User journeys of women receiving mobile money in Somalia

Illustrator: Noel Keserwany/GTS

In collaboration with the World Food Programme (WFP), Ground Truth Solutions explored the lived experiences or user journeys of women receiving mobile money in Somalia.

Mobile money has enabled rapid assistance to reach millions in crisis, but it does not always suit everyone. Evidence and anecdotes usually point to specific barriers for women. WFP’s global partnership with the Bill and Melinda Gates Foundation, ‘enabling Digital Financial Inclusion and Women’s Economic Empowerment through cash-based humanitarian assistance’, sought to address this through three principles: digitising programmes, directing the payments into women’s accounts, and designing programmes to expand opportunities for women. The user journeys captured in this research sought to test these ‘D3’ principles, exploring women’s experiences of the Shock Responsive Safety Net for Human Capital Project (SNHCP) and implemented by Somalia’s Ministry of Labour and Social Affairs and the Urban Safety Net (USN) programme carried out by the Banadir Regional Administration in Mogadishu.

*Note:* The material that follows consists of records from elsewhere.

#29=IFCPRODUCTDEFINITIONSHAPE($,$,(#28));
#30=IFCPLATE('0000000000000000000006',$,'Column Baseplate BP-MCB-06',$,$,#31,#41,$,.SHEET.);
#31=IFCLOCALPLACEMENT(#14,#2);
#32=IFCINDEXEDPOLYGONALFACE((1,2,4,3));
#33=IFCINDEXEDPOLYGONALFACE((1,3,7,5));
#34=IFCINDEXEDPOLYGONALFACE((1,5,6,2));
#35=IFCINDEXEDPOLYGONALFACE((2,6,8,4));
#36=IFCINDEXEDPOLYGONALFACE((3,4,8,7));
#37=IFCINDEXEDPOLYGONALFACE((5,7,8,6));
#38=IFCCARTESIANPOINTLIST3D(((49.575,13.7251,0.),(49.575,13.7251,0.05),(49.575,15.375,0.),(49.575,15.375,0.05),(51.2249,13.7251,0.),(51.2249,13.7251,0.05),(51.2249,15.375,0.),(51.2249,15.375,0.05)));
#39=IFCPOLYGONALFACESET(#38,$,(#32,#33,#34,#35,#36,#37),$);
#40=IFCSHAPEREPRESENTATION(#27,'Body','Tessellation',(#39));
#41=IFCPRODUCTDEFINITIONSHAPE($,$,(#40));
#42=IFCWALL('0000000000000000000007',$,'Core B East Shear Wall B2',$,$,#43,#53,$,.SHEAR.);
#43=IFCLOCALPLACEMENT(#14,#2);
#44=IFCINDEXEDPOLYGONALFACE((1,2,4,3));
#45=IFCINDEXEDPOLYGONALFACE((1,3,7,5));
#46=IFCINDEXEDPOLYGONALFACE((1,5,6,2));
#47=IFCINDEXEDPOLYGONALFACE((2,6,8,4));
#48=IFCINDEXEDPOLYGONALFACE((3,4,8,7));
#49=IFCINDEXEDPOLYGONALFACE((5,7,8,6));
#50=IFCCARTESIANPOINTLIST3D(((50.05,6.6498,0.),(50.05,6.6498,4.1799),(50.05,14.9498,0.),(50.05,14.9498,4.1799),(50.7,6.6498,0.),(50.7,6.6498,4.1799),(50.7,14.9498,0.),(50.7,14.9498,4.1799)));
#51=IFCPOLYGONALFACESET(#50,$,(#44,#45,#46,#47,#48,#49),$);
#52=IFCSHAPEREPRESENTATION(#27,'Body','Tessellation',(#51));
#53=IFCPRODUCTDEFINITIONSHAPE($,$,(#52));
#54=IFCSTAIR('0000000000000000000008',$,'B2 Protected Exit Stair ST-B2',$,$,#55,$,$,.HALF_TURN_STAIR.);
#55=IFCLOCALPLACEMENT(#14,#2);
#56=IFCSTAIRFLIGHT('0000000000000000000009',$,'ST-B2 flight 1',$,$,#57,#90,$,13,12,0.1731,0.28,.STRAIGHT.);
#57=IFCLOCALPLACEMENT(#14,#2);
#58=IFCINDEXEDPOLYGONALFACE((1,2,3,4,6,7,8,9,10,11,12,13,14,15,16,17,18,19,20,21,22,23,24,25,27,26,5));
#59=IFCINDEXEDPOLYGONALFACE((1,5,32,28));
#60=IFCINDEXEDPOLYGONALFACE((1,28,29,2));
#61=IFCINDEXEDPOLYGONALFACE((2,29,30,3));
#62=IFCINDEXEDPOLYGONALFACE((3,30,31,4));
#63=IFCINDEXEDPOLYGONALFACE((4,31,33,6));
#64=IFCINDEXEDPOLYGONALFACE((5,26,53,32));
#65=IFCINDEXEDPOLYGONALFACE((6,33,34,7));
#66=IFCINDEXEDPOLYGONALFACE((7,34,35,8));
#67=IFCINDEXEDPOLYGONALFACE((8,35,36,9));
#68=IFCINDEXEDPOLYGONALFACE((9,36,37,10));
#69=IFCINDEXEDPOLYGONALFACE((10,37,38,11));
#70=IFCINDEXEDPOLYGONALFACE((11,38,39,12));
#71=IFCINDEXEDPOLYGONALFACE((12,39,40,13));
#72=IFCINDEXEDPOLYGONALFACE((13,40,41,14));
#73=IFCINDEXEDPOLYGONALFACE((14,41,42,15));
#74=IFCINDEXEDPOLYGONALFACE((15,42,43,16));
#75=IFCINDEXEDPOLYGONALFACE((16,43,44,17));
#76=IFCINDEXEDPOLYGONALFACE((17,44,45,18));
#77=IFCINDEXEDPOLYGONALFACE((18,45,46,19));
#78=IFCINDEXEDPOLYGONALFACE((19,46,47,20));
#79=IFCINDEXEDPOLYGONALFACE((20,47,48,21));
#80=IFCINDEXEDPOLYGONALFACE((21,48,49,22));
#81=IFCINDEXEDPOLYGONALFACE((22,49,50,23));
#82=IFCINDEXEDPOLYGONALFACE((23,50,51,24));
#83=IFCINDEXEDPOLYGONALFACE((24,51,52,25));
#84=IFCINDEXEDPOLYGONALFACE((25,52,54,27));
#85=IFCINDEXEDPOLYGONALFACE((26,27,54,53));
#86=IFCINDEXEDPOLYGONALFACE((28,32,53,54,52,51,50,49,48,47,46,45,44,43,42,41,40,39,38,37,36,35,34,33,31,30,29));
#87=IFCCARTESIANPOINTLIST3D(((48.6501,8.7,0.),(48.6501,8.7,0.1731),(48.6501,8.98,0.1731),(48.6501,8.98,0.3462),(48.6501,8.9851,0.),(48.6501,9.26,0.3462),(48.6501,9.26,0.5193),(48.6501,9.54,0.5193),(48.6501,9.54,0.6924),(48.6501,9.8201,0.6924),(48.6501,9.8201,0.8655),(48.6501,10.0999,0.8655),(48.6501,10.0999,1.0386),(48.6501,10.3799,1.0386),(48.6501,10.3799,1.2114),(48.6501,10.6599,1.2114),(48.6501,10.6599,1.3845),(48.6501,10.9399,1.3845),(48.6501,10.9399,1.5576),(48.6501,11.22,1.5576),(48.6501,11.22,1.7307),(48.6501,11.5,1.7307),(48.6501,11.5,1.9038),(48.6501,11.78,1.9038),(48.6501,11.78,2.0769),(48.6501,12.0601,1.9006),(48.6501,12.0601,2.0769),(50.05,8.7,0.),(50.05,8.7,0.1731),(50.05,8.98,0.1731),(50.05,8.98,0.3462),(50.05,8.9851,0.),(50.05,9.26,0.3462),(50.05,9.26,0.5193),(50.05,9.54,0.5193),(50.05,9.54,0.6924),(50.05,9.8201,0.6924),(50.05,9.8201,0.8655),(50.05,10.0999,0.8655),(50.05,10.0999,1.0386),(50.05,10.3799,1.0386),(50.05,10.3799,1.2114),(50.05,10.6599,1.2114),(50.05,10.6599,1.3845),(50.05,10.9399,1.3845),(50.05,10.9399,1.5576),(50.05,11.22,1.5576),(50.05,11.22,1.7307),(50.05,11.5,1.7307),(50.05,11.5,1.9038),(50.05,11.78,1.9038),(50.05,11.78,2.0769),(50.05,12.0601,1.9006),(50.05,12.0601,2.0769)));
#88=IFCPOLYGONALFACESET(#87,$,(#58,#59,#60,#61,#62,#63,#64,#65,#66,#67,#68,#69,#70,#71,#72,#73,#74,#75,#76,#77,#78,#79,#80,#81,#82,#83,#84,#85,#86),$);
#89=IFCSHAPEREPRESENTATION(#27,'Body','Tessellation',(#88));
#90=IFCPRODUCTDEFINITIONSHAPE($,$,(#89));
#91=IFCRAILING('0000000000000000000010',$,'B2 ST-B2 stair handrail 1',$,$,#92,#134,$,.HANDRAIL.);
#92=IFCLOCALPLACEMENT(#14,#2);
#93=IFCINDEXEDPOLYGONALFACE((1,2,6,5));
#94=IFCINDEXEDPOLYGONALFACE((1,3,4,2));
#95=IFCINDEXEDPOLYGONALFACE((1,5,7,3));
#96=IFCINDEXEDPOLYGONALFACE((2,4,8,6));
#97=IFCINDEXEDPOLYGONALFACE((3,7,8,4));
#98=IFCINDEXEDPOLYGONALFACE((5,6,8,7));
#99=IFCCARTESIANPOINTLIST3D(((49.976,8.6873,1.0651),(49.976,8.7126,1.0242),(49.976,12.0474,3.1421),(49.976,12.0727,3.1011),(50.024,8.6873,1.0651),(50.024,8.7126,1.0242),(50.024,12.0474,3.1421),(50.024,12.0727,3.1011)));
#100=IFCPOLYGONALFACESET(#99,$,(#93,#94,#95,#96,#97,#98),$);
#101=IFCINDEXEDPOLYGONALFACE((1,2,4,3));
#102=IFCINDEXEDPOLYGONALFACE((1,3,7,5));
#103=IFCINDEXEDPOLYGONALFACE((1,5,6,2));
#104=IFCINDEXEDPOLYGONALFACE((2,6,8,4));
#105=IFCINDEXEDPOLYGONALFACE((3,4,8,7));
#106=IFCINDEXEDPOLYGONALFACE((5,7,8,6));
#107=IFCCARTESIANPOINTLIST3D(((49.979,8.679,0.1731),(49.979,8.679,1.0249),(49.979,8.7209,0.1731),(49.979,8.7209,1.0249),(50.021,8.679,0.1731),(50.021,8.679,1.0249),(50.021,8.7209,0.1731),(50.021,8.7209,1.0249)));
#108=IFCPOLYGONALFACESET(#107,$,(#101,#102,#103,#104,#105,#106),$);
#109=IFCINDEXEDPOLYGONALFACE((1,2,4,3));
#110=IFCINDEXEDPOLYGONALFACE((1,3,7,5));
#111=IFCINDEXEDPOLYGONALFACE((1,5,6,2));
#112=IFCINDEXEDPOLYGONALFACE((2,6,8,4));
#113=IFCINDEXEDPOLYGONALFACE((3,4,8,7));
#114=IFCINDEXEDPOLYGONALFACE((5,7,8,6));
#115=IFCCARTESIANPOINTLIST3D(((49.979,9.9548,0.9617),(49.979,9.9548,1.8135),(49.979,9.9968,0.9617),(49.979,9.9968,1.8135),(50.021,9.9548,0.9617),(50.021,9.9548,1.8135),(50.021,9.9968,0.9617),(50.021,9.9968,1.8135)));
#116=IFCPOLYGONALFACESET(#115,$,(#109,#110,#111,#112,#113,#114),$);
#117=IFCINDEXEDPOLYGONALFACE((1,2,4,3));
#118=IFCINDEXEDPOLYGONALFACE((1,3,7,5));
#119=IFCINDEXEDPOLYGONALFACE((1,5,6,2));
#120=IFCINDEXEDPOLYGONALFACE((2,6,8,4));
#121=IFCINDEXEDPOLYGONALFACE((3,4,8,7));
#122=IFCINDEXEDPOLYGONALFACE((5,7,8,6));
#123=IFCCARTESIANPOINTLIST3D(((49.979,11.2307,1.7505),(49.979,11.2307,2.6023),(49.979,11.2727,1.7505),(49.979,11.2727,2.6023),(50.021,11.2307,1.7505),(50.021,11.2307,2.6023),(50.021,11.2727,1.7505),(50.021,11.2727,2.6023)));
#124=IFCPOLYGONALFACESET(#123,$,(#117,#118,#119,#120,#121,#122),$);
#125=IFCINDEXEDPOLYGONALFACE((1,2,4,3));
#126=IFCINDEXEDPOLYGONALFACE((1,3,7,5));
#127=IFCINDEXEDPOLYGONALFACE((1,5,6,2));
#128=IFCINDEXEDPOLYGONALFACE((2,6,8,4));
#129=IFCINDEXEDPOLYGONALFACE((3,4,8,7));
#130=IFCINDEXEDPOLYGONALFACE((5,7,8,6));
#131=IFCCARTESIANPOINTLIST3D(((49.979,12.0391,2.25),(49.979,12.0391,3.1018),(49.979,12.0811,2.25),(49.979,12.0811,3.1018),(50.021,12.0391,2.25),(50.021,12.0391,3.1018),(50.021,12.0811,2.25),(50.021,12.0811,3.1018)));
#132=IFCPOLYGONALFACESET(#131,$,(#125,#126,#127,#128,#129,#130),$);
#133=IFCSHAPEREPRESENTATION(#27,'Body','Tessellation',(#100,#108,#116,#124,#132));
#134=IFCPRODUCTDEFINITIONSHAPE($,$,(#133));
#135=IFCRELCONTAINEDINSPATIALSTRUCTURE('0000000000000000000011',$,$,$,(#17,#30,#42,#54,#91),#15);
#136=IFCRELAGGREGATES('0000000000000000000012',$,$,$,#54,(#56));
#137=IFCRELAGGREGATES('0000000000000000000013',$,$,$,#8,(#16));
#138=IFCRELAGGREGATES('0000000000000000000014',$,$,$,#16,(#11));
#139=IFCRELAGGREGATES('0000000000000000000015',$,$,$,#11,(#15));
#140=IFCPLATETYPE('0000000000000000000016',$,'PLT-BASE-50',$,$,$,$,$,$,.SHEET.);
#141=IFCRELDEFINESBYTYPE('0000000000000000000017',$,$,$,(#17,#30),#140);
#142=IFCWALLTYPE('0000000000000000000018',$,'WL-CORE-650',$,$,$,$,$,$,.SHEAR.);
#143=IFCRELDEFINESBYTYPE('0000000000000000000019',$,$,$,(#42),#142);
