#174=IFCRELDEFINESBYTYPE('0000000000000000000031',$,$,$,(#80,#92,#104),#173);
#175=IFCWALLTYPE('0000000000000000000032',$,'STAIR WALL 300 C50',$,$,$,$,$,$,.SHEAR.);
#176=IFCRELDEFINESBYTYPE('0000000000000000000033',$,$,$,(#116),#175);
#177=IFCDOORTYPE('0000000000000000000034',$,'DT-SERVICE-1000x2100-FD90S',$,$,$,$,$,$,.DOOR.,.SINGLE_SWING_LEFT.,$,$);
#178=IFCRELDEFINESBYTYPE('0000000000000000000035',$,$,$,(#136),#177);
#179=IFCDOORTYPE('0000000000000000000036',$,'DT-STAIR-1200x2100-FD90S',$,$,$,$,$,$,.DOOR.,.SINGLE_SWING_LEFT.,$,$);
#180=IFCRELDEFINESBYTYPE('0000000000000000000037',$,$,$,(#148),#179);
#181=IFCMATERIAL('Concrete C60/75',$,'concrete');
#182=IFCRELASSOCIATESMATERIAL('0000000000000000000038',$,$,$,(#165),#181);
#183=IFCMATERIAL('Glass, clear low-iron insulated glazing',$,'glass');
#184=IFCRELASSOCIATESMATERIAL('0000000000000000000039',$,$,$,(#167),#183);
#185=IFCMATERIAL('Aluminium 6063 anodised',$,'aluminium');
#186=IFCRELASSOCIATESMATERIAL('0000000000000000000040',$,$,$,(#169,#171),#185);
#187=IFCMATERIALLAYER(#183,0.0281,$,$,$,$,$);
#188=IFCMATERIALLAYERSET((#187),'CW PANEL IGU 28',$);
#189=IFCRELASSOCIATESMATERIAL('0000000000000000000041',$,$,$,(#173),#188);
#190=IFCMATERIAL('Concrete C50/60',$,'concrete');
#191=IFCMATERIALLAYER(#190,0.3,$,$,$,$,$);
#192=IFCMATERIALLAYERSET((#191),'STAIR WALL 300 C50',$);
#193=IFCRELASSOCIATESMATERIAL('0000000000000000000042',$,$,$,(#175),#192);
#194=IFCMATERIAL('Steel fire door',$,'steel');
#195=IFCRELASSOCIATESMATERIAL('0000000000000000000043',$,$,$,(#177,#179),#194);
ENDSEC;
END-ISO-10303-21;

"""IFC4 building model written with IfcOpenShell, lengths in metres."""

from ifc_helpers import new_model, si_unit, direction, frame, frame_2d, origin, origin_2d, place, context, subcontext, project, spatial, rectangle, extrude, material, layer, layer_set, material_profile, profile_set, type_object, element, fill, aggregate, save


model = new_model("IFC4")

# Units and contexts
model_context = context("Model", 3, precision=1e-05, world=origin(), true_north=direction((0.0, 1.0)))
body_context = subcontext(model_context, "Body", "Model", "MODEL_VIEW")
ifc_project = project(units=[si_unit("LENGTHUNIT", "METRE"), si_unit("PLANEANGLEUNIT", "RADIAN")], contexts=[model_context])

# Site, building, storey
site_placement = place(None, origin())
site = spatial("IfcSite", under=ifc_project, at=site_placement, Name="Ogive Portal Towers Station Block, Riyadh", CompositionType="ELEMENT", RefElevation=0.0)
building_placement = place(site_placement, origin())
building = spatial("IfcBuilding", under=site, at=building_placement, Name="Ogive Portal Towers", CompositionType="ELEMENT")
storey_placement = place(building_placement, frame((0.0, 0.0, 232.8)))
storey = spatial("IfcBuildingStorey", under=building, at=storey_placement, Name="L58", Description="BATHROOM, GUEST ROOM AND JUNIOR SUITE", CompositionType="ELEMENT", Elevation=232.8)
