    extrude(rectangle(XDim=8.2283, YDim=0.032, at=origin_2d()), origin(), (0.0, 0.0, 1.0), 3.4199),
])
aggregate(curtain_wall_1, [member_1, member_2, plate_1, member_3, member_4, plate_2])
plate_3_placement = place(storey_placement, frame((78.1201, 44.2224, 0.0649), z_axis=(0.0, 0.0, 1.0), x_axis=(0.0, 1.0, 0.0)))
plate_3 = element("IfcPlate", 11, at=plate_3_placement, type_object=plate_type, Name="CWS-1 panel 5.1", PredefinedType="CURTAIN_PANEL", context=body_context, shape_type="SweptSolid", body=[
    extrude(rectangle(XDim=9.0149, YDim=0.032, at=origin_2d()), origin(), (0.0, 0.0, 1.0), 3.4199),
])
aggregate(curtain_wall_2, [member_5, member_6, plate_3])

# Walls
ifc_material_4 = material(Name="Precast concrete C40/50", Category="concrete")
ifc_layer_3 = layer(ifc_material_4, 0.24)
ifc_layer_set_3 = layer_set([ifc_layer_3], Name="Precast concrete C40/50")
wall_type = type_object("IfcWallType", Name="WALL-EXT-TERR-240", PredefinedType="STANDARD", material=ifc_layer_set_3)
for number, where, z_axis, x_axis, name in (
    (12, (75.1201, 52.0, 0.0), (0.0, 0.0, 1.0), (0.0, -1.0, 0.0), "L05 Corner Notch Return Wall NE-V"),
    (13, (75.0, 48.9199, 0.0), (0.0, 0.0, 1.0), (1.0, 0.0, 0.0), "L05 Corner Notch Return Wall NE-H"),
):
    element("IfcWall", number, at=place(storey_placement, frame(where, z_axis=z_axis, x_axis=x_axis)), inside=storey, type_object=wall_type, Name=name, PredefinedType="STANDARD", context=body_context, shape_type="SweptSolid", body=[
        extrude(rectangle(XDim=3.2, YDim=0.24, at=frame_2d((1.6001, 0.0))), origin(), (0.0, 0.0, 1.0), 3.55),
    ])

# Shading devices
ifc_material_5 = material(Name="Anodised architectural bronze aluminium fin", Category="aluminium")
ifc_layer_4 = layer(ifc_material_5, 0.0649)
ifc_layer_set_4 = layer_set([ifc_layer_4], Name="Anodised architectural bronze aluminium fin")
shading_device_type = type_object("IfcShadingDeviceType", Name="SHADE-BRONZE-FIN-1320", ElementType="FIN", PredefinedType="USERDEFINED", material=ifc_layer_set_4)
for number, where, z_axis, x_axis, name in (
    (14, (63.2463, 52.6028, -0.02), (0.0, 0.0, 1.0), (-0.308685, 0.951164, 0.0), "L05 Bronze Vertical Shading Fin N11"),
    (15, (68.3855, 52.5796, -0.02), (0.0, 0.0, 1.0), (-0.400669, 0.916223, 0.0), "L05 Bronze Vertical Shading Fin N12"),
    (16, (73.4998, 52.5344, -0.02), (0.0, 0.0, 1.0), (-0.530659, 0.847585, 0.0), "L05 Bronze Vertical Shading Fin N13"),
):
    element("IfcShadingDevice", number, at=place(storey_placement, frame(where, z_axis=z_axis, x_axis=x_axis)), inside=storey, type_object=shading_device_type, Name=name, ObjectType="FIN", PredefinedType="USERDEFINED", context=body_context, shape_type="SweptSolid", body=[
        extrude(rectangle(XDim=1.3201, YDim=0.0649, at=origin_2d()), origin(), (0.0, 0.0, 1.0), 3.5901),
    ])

Findings were used to help the Somali government and WFP achieve greater impact for women through large-scale government-to-person payments while exploring the entire delivery chain of cash-based safety net programmes.

 
If you can read, you will understand things. If you can’t read, you are blind and can’t understand anything. Unfortunately, I don’t understand how mobile money works. I have to ask people to send it for me. I don’t even know how to check my balance so when I go to the market, I have to ask people to check my balance after I paid for something. I may be cheated by them and will only know when I speak to someone I trust.